The method i'm using is checking for duplicate series depending on the length of the number entered.

The series i'm checking for are the 2 digits, 3, 4, 5, 6 and 7. Beyond that it get's pretty ridiculous.

What I come up with so far:

when entering a number of 100 digits length. Len = 100

when counting 2 digits duplicates, there is the range of [00 ~ 99] which are 100 items.

in a Len 100 there can only be 99 items of 2 digit numbers.

What we need to do now is to find the duplicates of these 99 items by checking them by themselves.

To do that, we will have (99 * (99 - 1)) / 2 = 4851 unique pairs to match.

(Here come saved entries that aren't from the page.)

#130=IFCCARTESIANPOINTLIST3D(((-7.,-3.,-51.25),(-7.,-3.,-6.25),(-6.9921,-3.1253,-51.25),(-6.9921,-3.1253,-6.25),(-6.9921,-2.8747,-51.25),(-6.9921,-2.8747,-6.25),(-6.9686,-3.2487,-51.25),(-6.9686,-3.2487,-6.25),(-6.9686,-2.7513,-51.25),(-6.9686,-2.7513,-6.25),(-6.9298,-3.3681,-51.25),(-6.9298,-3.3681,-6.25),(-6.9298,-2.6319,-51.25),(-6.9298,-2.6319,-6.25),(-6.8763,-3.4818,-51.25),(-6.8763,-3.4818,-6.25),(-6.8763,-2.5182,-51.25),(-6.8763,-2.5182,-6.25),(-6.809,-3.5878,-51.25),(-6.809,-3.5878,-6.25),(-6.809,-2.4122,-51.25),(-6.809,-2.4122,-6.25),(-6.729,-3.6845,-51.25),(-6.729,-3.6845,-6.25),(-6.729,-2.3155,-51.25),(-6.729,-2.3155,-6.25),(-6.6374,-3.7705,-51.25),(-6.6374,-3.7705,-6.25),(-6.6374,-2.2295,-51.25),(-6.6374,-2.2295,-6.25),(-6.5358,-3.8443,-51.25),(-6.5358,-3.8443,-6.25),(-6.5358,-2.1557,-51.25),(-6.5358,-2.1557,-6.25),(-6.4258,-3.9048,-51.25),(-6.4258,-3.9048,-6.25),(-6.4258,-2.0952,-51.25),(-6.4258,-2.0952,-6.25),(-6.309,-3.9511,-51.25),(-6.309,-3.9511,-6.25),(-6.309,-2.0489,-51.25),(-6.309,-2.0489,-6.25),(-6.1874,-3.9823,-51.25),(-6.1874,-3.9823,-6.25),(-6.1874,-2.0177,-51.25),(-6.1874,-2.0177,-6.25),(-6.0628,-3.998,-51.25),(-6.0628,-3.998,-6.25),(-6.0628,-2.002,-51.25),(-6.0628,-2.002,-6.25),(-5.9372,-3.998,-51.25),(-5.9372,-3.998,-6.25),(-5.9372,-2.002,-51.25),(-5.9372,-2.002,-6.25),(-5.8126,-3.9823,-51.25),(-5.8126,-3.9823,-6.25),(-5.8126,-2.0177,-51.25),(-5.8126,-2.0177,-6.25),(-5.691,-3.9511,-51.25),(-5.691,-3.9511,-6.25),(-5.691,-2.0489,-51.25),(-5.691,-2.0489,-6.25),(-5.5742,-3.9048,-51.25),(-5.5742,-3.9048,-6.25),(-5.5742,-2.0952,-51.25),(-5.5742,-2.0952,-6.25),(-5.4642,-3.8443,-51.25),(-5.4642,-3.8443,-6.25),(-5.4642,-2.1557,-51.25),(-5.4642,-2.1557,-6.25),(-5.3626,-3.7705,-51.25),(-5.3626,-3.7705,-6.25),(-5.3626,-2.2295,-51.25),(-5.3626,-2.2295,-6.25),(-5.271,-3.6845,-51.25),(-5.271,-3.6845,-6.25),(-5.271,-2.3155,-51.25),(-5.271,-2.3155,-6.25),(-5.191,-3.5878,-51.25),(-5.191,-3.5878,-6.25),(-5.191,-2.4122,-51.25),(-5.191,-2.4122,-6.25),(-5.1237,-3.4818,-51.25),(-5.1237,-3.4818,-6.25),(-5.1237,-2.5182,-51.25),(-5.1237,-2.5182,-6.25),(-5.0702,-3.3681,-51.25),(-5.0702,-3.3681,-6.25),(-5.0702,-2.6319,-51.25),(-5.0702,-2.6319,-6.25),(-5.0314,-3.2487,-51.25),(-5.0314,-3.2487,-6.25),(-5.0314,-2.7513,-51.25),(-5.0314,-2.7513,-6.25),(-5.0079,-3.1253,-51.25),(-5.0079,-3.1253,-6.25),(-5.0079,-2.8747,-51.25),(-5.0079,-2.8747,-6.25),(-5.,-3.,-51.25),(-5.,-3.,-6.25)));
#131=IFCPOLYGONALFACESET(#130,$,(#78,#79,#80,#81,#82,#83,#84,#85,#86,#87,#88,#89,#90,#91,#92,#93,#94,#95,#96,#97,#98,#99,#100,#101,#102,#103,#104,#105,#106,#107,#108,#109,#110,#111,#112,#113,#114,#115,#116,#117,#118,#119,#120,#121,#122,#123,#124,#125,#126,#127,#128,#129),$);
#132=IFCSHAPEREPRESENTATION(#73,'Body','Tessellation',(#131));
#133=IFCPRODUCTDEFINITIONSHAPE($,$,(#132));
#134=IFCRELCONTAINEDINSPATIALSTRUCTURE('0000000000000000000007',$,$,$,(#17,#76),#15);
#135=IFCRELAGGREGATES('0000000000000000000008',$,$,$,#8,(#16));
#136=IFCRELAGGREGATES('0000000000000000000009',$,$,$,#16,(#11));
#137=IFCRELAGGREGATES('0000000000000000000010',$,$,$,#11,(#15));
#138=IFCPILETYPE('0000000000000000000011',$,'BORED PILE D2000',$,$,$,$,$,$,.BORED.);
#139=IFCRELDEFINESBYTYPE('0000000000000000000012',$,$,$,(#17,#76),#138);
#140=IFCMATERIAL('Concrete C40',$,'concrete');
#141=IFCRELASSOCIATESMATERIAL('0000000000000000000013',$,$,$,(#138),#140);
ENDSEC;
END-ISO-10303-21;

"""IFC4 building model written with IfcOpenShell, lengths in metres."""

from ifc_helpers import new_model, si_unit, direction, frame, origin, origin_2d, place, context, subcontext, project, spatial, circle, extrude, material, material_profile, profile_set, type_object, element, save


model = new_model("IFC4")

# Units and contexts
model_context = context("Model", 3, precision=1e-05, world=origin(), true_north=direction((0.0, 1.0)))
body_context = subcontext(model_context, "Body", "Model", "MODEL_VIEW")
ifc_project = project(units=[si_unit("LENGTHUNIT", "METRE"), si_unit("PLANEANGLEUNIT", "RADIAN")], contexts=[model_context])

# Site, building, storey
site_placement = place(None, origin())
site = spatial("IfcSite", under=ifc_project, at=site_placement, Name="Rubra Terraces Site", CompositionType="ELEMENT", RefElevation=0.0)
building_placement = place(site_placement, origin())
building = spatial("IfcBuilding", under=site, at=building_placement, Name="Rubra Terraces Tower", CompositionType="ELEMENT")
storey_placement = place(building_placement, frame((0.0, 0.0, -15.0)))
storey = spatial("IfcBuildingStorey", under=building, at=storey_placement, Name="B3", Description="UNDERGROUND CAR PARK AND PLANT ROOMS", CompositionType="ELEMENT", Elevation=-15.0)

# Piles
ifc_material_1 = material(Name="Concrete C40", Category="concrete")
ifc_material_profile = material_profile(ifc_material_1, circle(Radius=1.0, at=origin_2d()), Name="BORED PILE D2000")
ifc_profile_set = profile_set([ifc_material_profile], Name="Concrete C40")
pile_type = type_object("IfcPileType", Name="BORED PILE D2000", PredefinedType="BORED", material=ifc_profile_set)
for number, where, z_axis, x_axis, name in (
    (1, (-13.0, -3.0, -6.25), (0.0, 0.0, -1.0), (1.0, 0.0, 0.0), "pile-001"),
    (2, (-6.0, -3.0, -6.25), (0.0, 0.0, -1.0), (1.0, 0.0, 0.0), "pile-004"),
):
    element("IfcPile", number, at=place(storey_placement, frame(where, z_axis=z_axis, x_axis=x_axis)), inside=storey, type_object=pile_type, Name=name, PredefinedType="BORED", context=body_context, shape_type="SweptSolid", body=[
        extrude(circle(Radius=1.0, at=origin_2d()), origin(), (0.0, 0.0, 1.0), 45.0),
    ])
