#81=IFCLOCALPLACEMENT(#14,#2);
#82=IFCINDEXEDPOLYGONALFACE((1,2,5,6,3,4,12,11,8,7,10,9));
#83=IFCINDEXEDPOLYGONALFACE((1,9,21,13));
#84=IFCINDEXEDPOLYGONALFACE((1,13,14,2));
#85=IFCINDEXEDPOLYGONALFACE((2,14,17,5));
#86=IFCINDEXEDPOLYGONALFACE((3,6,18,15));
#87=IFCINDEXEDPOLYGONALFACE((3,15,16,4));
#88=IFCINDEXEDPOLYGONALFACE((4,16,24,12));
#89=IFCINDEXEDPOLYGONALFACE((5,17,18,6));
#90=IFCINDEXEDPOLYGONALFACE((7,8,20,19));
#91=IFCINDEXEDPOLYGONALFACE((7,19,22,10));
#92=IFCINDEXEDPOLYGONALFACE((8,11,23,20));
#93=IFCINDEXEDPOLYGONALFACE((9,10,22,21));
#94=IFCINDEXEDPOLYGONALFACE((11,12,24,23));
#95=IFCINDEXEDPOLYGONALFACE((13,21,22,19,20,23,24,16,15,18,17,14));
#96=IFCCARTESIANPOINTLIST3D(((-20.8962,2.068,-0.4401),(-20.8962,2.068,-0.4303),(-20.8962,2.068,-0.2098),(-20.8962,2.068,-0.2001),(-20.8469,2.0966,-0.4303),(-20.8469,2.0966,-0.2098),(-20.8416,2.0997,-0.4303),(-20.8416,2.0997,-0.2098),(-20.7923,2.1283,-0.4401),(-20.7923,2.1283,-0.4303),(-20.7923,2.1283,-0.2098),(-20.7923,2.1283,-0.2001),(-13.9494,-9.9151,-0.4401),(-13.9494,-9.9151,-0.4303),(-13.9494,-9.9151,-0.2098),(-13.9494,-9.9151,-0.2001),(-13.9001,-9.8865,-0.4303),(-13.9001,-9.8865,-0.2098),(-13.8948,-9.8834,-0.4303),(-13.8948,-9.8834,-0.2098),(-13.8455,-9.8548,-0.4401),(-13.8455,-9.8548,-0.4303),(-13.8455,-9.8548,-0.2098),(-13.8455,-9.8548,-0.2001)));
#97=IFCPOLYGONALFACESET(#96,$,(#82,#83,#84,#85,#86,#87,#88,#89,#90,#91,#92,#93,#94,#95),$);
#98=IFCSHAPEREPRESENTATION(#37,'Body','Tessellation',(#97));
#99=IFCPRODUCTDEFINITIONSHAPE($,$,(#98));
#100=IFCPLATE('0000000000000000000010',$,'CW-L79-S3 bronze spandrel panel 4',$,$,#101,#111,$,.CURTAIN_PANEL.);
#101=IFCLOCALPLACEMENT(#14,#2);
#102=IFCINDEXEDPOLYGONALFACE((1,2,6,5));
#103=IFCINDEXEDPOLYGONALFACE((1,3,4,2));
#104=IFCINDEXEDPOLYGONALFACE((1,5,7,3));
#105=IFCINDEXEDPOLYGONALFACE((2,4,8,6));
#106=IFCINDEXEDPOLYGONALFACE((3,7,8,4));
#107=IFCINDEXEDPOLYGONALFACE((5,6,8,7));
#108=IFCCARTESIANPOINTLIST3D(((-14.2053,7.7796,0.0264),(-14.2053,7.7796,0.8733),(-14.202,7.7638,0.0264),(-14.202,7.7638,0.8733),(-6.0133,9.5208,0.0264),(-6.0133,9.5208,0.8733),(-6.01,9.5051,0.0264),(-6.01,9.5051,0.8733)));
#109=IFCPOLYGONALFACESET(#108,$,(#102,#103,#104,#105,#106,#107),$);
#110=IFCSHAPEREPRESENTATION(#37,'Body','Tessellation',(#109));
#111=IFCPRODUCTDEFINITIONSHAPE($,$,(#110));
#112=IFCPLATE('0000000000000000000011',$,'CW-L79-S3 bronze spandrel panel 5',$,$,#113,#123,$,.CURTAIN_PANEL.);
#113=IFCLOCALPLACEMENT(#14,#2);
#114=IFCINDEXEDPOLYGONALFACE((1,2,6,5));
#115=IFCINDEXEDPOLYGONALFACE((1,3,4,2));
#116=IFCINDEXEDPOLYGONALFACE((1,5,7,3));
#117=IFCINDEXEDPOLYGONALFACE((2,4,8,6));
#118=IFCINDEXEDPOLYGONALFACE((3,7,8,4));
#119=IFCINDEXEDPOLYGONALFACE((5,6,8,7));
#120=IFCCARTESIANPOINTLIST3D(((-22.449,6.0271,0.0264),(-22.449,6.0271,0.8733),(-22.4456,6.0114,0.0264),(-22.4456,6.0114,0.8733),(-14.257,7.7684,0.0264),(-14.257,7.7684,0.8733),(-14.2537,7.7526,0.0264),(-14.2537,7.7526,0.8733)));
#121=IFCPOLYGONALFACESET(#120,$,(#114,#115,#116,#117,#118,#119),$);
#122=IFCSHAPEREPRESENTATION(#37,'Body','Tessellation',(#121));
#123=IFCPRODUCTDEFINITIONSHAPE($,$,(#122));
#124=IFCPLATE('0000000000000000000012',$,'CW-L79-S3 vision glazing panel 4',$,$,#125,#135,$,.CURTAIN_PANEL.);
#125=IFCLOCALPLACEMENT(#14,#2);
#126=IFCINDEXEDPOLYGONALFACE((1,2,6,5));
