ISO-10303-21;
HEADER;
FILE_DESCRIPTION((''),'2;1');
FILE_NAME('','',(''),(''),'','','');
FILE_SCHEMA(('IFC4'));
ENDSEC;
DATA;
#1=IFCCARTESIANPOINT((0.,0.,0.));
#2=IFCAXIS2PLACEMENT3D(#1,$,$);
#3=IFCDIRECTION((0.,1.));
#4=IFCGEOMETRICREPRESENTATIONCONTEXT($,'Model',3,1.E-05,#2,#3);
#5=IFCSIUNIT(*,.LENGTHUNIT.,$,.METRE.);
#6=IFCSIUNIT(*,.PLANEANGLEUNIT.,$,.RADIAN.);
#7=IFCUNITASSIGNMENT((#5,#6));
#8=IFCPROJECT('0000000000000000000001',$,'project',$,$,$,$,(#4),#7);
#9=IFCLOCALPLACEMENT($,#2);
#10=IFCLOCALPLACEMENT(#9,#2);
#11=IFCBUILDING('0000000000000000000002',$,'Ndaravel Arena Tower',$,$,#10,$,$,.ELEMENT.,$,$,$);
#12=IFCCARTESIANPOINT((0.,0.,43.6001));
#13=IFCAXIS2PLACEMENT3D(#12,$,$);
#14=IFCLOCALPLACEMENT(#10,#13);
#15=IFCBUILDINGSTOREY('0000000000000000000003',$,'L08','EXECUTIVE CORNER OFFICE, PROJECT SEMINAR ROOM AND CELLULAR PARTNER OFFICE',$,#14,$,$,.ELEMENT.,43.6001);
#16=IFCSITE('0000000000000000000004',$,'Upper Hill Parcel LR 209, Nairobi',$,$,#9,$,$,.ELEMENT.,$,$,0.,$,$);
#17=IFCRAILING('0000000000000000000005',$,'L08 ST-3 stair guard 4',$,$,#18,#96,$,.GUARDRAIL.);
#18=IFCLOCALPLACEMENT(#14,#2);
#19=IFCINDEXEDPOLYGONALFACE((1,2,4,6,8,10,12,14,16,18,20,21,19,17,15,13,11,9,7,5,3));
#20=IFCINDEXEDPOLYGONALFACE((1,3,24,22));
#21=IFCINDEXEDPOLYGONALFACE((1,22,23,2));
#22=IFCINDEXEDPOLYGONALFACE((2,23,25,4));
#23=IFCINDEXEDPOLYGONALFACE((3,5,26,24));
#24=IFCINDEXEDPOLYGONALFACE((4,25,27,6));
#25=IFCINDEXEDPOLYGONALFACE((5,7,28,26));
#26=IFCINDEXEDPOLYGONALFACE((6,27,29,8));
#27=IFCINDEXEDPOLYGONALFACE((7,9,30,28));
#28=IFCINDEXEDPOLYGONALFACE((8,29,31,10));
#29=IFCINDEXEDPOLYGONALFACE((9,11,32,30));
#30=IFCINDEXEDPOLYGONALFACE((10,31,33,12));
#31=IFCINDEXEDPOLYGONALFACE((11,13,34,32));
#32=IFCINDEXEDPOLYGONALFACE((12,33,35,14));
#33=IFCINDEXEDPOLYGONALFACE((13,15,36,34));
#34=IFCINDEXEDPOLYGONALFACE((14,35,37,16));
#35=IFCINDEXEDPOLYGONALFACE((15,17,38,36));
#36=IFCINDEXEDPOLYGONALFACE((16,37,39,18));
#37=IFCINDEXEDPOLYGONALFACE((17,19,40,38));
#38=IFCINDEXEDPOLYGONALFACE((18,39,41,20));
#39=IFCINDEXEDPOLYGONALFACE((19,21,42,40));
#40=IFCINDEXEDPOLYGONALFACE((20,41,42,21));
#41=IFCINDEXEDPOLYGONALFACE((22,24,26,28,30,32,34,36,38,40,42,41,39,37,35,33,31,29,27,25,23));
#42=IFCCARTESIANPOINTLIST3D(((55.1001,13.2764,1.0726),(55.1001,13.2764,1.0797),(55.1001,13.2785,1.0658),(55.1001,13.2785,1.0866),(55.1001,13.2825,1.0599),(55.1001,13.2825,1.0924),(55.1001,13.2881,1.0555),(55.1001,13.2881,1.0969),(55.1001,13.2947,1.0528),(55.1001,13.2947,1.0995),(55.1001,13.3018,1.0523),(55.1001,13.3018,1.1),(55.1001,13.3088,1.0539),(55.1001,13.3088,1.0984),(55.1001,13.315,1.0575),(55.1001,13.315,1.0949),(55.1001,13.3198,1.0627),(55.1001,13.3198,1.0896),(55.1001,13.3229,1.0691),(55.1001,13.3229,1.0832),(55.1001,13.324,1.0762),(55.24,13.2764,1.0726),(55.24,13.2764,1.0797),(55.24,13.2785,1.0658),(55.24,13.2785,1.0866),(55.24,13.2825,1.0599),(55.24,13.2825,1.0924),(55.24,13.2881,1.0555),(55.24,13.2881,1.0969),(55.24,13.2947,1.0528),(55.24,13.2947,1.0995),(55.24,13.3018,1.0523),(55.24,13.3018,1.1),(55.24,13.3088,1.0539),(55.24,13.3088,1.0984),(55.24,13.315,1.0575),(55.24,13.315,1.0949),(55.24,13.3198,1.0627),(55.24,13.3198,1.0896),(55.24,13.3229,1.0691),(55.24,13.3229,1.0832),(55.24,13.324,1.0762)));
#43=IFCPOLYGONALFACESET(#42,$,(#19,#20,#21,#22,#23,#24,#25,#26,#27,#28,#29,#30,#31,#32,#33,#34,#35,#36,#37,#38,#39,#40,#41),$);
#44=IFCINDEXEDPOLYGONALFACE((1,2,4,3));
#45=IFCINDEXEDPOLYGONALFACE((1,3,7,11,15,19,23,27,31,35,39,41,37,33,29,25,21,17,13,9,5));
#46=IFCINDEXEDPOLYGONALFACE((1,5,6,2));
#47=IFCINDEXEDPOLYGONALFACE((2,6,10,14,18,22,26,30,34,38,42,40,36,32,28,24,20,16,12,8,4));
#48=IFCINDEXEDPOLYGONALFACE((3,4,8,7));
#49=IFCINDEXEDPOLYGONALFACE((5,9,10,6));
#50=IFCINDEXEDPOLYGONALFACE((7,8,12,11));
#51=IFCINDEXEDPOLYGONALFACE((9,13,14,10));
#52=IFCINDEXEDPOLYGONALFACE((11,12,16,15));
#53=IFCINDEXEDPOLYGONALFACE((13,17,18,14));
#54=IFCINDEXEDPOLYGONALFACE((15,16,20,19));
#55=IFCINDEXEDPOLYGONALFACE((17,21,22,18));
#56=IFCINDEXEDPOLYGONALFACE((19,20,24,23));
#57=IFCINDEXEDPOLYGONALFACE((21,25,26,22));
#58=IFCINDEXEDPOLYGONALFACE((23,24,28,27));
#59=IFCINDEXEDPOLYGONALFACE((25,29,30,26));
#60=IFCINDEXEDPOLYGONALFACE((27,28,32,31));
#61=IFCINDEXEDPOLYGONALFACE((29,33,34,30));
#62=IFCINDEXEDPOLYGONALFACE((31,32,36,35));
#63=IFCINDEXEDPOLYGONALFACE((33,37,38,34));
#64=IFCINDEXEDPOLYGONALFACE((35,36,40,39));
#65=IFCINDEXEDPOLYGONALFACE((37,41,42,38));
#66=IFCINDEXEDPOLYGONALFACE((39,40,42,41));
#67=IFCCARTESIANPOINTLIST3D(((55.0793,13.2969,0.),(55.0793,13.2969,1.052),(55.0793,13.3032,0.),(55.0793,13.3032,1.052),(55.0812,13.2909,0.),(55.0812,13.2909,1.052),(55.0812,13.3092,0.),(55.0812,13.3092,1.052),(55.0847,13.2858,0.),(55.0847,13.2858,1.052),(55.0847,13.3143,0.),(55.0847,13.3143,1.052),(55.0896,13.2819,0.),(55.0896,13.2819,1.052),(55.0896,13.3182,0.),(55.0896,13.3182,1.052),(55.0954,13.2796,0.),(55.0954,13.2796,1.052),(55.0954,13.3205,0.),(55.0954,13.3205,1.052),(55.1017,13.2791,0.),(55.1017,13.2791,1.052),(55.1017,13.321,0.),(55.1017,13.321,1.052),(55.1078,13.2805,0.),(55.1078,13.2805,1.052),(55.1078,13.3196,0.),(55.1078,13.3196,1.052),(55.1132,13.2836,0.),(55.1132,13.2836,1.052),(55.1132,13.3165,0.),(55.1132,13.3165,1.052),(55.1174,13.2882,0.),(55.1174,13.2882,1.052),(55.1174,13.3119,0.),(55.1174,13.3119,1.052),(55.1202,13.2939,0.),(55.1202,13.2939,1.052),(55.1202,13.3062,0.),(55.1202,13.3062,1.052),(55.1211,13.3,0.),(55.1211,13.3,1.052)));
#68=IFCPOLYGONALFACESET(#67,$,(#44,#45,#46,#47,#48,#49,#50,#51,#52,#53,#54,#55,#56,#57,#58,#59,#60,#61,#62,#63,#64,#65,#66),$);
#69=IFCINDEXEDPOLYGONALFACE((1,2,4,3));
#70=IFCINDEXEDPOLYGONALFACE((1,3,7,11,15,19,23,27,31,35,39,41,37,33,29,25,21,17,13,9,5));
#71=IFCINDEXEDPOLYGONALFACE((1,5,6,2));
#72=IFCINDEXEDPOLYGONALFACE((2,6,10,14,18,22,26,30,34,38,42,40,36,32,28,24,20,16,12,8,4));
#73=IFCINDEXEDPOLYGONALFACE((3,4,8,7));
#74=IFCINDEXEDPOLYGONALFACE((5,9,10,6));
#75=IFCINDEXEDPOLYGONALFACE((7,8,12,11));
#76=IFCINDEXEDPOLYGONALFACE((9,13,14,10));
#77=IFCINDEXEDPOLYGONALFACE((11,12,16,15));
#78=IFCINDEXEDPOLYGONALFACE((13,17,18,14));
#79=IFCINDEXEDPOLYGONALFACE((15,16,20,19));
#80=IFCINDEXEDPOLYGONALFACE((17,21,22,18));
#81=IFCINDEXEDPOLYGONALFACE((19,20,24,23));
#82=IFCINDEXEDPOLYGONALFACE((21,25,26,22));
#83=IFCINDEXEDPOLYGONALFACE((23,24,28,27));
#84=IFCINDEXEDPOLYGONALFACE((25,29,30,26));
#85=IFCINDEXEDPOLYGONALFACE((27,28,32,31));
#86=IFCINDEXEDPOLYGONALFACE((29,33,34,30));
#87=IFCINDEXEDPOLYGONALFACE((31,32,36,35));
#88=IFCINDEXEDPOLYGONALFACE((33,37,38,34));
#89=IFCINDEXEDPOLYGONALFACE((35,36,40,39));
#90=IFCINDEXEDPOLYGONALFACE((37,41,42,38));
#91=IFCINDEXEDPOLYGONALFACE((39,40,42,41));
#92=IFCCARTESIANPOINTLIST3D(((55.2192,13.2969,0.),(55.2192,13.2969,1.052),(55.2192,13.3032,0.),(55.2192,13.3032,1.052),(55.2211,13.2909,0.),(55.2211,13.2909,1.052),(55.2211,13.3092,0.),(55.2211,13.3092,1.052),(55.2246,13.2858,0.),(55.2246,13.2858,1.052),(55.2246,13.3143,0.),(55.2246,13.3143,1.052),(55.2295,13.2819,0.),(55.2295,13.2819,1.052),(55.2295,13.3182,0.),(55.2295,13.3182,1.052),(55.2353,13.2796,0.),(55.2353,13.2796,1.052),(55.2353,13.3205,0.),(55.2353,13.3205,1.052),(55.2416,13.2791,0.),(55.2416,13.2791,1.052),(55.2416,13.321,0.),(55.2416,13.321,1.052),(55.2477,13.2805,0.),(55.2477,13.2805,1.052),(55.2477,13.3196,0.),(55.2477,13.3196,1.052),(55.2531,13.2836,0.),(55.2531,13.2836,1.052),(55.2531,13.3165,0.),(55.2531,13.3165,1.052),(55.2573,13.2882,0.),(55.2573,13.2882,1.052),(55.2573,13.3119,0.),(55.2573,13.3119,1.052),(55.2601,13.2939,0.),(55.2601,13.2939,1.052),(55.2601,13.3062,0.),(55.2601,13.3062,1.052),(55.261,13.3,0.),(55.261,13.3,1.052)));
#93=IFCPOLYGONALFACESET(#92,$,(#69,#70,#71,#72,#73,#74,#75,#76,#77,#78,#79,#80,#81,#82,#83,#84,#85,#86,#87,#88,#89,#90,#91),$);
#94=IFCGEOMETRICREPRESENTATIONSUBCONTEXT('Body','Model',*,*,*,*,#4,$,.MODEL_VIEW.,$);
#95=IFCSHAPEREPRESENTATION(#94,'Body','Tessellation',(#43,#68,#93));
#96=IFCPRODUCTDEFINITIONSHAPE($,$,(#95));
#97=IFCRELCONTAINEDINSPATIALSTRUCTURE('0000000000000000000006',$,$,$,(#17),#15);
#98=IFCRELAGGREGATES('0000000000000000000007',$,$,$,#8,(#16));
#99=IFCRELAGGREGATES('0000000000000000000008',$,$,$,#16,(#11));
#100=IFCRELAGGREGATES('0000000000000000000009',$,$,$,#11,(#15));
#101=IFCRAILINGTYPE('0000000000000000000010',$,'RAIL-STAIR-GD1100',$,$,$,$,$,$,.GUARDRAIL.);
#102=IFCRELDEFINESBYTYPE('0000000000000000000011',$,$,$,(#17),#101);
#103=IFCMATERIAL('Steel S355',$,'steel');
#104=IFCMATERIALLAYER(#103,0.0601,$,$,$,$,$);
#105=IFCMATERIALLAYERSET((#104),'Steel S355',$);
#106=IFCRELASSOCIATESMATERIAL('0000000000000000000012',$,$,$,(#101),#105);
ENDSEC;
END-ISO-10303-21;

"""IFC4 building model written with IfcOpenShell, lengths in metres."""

from ifc_helpers import new_model, si_unit, direction, frame, origin, origin_2d, place, context, subcontext, project, spatial, circle, extrude, material, layer, layer_set, type_object, element, save


model = new_model("IFC4")

# Units and contexts
model_context = context("Model", 3, precision=1e-05, world=origin(), true_north=direction((0.0, 1.0)))
body_context = subcontext(model_context, "Body", "Model", "MODEL_VIEW")
ifc_project = project(units=[si_unit("LENGTHUNIT", "METRE"), si_unit("PLANEANGLEUNIT", "RADIAN")], contexts=[model_context])

# Site, building, storey
site_placement = place(None, origin())
site = spatial("IfcSite", under=ifc_project, at=site_placement, Name="Upper Hill Parcel LR 209, Nairobi", CompositionType="ELEMENT", RefElevation=0.0)
building_placement = place(site_placement, origin())
building = spatial("IfcBuilding", under=site, at=building_placement, Name="Ndaravel Arena Tower", CompositionType="ELEMENT")
storey_placement = place(building_placement, frame((0.0, 0.0, 43.6001)))
storey = spatial("IfcBuildingStorey", under=building, at=storey_placement, Name="L08", Description="EXECUTIVE CORNER OFFICE, PROJECT SEMINAR ROOM AND CELLULAR PARTNER OFFICE", CompositionType="ELEMENT", Elevation=43.6001)

# Railing
ifc_material_1 = material(Name="Steel S355", Category="steel")
ifc_layer_1 = layer(ifc_material_1, 0.0601)
ifc_layer_set_1 = layer_set([ifc_layer_1], Name="Steel S355")
railing_type_1 = type_object("IfcRailingType", Name="RAIL-STAIR-GD1100", PredefinedType="GUARDRAIL", material=ifc_layer_set_1)
railing_1_placement = place(storey_placement, frame((55.1001, 13.3, 0.0)))
element("IfcRailing", 1, at=railing_1_placement, inside=storey, type_object=railing_type_1, Name="L08 ST-3 stair guard 4", PredefinedType="GUARDRAIL", context=body_context, shape_type="SweptSolid", body=[
    extrude(circle(Radius=0.0239, at=origin_2d()), frame((0.0, 0.0, 1.0762), z_axis=(1.0, 0.0, 0.0), x_axis=(0.0, 1.0, 0.0)), (0.0, 0.0, 1.0), 0.1399),
    extrude(circle(Radius=0.021, at=origin_2d()), origin(), (0.0, 0.0, 1.0), 1.052),
    extrude(circle(Radius=0.021, at=origin_2d()), frame((0.1399, 0.0, 0.0)), (0.0, 0.0, 1.0), 1.052),
])

save(model, "model.ifc")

Now, I did find out a formula that can tell me exactly the number of matches for any given Length and Items. For this example we need:

Length = 100

Number of Digits (Digits) = 2

Items = 10^digits = 10^2 = 100

Edit length (E.L) = Length - (Digits -1) = 100 - 1 = 99

Formula is: (E.L * (E.L - 1)) / (2 * items) = (99 * 98)/(2 * 100) = 48.51

This mean that in any given 100 truly random digits, there should be 48.51 2 digits matches between pairs.

if we apply this to 3 digits then the formula will be

(98 * 97)/(2 * 1000) = 4.753 items.

and for 4 digits it will be: (97 * 96)/(2 * 10000) = 0.4656

I've run multiple simulations and those numbers are correct, however i'm trying to create the maximums that a simulation can give but I'm not that good with statistics.

so with 100 sample size I got the following for 2 digits:

Mean: 48.63

Std. Dev: 6.43

std dev range [42.2 - 55.1]

Sample Min: 36

Sample Max: 67

Now obviously I got the min and max from the simulation and 100 samples isn't enough. Can I create a formula that will get me a reasonable range to calculate?

When I asked random people to generate a random 100 digit number I got:

- 85 matches for 2 digits series check vs 48.51 average

- 20 matches for 3 digits series check vs 4.75 average

- 3 matches for 4 digits series check vs 0.47 average

- 1 match for 5 digits series check vs 0.0456 average

Statistically speaking these results are very rare and thus can conclude that a human has entered them

What I'm stuck at is figuring out the maximums for the random formula and as an additional step I also need to calculate the score of how far off the sample is from the pool.